The predicted word will be automatically displayed at the end of the input text box, so you can click to submit and predict as many times as you'd like.
The basis of the prediction algorithm is a number of n-gram models, with n ranging from 1 to 5.
First, we take the last 4 words from the input sentence and try to find a match in the 5-gram model. In case it fails, we take the last 3 words and try to find a match in the 4-gram model. In case it fails, we take the last 2 words, and so on…
This procedure is repeated until a match is found in one of the higher order n-gram models. In case no match is found in any of the models, we predict the most frequent word from the 1-gram model.
For efficiency, the complete model is implemented as a hash function with all n-grams included.
The final model contains a total of 317,029 unique keys that could be matched in order to predict the next word.
It was created by sampling 5% of all lines from each English text files, and then retrieving only the top 5% frequent terms for each n-gram. In the end, if there is more than one key predicting multiple words, only the most frequent one is kept.

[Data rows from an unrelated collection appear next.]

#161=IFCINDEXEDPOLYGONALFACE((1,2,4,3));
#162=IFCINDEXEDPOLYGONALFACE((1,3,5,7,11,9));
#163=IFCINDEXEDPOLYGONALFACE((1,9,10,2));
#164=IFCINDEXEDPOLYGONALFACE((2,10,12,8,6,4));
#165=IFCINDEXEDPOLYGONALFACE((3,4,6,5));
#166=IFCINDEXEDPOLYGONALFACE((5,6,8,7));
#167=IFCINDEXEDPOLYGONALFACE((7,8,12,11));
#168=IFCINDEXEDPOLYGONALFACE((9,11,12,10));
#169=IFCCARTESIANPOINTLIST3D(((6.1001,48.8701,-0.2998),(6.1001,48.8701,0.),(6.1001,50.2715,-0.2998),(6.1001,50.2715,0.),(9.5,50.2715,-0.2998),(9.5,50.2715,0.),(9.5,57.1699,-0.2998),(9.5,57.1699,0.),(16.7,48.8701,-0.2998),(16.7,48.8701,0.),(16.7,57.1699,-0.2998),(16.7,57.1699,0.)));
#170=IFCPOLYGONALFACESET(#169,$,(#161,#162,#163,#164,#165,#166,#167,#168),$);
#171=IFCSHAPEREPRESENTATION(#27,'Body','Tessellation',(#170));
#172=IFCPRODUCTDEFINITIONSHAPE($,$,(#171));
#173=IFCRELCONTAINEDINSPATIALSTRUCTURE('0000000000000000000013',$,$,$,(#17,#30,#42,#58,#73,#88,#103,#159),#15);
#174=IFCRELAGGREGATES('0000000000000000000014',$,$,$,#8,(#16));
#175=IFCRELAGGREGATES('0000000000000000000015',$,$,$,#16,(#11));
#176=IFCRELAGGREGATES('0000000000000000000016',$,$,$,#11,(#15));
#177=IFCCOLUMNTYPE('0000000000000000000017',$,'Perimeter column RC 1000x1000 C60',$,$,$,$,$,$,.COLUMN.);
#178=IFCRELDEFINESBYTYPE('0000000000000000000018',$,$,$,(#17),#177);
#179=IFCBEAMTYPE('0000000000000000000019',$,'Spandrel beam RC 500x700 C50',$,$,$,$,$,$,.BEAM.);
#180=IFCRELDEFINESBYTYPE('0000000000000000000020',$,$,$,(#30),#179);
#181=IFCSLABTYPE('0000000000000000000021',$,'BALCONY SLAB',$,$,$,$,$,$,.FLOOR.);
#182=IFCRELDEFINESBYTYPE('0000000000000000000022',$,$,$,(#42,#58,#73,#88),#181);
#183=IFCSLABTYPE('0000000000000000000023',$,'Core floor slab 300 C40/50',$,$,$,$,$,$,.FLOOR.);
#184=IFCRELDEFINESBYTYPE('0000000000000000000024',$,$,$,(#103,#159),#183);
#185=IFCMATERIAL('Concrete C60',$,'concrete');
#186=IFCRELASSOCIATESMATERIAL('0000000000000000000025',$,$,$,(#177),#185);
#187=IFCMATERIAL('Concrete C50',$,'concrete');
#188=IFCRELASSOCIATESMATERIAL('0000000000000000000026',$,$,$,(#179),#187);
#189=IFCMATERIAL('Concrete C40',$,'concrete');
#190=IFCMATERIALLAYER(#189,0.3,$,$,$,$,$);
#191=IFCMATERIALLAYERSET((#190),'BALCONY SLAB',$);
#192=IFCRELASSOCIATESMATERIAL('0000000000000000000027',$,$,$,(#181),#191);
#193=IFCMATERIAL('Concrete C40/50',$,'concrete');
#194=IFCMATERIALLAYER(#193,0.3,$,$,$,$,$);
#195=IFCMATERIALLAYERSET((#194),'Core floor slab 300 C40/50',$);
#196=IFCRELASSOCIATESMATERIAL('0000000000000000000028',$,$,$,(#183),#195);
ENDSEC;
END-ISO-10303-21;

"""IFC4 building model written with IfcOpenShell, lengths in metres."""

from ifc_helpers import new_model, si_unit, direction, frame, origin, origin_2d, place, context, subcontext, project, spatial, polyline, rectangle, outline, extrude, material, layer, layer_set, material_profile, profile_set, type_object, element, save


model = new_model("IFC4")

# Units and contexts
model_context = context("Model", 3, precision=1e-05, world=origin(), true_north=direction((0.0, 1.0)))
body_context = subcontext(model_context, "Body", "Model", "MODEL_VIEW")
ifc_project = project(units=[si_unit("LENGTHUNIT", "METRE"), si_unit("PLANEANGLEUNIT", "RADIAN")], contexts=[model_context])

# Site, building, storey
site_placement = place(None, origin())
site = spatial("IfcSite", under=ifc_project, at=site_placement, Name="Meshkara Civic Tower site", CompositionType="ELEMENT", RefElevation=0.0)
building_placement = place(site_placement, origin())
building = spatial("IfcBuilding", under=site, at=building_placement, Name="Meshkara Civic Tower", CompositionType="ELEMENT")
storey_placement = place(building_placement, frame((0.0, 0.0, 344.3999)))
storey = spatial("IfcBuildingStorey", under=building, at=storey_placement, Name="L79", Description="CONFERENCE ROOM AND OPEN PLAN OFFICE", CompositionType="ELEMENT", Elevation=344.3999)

Using 20% of the sampled lines for testing, we estimated an accuracy of around 15% for predicting the next word exactly. In practice, this is a reasonable number.
In principle, you could provide any text as input, including symbols and special characters. The app performs a clean up of the input before predicting. And the input will be kept as is.
Try something interesting, such as “I wish you a merry”, and predict the next word a few times
You can even try predicting with an empty input, and also predict the next word a few times.
Have fun!
:-D